3) In a flat, any pair can form a lot of false signals or not form them at all. But in any case, at the first signs of a flat, it is better to stop trading.
4) Trade deals are opened in the time period between the beginning of the European session and until the middle of the American one, when all deals must be closed manually.
5) On the 30-minute TF, using signals from the MACD indicator, you can trade only if there is good volatility and a trend, which is confirmed by a trend line or a trend channel.
6) If two levels are located too close to each other (from 5 to 15 points), then they should be considered as an area of support or resistance.
On the chart:
Support and Resistance Levels are the Levels that serve as targets when buying or selling the pair. You can place Take Profit near these levels.
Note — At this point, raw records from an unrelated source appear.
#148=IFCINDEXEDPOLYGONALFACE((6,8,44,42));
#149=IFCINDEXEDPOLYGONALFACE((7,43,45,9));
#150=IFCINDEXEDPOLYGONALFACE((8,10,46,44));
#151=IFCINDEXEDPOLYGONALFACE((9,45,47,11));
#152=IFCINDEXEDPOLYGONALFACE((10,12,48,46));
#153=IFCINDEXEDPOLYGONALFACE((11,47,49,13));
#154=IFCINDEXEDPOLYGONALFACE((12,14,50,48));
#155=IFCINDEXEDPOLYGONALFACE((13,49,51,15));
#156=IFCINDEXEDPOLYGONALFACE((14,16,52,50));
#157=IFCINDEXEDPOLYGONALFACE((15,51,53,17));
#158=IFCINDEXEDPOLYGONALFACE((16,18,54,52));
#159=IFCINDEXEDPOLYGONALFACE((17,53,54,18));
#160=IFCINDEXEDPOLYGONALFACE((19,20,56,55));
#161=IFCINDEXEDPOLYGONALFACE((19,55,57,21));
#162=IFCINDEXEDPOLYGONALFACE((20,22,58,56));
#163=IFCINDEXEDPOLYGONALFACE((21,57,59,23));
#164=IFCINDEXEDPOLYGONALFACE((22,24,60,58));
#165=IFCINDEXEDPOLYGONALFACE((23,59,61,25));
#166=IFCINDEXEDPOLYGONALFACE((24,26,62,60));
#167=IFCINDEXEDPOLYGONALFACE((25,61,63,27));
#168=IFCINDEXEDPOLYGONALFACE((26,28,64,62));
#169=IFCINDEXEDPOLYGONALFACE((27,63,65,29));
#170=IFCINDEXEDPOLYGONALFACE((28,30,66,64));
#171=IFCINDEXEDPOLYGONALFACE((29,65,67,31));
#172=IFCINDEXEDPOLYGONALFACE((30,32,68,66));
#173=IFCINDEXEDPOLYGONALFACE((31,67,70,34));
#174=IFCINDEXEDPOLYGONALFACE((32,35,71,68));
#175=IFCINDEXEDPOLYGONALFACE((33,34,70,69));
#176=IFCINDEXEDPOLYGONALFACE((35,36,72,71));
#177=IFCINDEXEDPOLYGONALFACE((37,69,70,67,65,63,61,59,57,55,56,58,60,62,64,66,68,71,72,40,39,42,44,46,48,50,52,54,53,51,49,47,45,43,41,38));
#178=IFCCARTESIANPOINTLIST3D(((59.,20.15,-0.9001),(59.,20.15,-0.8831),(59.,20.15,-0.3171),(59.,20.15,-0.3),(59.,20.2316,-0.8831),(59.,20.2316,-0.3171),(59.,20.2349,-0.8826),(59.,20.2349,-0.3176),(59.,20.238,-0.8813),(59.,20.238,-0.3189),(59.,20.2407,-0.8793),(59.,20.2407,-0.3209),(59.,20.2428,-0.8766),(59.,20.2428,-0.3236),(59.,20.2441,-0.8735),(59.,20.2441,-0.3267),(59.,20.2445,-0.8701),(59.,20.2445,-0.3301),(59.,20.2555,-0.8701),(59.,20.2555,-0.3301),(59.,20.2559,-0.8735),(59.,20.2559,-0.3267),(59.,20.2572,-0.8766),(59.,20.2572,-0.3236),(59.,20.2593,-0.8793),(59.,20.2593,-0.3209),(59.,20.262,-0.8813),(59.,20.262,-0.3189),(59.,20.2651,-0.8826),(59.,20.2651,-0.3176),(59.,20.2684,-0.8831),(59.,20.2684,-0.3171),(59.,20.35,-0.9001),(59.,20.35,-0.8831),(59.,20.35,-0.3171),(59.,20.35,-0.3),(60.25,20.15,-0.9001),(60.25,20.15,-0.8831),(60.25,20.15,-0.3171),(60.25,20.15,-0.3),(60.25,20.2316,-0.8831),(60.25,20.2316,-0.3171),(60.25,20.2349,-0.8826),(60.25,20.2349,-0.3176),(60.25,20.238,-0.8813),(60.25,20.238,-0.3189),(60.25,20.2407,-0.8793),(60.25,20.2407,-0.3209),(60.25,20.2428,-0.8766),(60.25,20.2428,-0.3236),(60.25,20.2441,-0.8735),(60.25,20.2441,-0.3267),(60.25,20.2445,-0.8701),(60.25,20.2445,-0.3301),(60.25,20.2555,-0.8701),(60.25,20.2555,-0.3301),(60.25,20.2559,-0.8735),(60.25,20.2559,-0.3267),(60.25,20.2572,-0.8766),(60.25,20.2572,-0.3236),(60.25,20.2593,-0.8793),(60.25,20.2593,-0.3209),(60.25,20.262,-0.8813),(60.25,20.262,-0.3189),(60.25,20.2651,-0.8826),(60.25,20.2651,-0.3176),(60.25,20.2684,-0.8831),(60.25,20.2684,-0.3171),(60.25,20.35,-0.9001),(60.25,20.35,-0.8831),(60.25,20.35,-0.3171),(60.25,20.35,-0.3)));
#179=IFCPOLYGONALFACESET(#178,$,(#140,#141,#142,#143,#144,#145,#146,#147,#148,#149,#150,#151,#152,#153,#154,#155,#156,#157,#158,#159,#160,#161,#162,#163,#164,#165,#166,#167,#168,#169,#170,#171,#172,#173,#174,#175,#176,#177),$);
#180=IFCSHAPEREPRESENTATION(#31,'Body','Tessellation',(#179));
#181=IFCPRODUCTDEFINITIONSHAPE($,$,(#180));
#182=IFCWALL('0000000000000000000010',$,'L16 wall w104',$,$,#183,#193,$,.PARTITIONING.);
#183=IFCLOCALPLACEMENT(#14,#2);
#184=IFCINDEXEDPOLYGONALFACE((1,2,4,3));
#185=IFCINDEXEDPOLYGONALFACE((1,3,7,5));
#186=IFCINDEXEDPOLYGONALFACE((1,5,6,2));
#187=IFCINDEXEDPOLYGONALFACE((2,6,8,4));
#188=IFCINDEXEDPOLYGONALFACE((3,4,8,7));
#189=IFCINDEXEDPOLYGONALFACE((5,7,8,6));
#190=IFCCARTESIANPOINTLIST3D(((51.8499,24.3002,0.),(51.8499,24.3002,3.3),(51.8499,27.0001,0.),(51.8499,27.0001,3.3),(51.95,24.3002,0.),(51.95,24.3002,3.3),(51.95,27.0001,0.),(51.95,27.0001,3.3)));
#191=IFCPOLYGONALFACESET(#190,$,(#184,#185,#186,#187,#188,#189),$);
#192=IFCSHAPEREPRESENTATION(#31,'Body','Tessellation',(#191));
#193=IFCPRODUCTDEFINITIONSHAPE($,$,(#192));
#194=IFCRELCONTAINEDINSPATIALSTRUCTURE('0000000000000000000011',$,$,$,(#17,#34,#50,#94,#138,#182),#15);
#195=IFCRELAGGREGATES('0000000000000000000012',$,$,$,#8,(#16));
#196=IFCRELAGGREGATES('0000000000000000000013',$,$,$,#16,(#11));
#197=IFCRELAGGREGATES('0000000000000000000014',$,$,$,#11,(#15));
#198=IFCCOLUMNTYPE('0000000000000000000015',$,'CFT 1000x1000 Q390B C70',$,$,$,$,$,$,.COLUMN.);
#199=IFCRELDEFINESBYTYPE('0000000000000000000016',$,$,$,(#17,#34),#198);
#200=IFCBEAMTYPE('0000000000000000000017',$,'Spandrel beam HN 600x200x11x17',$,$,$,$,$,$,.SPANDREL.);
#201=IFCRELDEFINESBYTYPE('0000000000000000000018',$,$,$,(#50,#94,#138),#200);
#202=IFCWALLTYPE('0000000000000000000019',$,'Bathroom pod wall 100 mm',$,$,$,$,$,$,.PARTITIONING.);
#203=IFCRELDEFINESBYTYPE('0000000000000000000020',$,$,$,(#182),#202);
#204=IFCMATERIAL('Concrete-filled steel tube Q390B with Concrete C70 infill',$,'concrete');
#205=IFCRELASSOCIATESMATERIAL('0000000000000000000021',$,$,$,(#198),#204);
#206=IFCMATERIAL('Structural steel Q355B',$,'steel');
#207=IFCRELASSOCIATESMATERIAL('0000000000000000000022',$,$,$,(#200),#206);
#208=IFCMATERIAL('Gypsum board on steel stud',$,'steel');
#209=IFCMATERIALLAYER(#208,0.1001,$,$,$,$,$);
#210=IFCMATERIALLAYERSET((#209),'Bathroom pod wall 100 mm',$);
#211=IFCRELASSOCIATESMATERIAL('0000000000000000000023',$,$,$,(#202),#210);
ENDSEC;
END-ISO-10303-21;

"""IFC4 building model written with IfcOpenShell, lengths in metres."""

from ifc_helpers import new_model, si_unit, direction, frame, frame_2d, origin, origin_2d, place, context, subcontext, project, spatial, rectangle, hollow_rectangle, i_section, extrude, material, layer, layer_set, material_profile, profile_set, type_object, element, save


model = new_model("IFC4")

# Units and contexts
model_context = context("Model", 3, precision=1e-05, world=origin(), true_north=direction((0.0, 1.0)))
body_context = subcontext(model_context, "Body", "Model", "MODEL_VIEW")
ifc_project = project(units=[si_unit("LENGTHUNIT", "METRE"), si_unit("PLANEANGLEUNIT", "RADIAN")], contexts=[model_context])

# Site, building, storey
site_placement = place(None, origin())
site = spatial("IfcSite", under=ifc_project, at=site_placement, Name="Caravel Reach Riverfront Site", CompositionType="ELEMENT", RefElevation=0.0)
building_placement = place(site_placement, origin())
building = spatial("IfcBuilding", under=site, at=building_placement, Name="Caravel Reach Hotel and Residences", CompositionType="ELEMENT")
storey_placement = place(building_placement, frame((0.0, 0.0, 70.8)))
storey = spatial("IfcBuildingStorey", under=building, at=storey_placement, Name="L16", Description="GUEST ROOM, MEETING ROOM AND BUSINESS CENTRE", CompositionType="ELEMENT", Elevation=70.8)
Red lines are the channels or trend lines that display the current trend and show in which direction it is better to trade now.
The MACD indicator (14,22,3) consists of a histogram and a signal line. When they cross, this is a signal to enter the market. It is recommended to use this indicator in combination with trend lines (channels and trend lines).
Important speeches and reports (always contained in the news calendar) can greatly influence the movement of a currency pair. Therefore, during their exit, it is recommended to trade as carefully as possible or exit the market in order to avoid a sharp price reversal against the previous movement.
Beginners on Forex should remember that not every single trade has to be profitable. The development of a clear strategy and money management are the key to success in trading over a long period of time.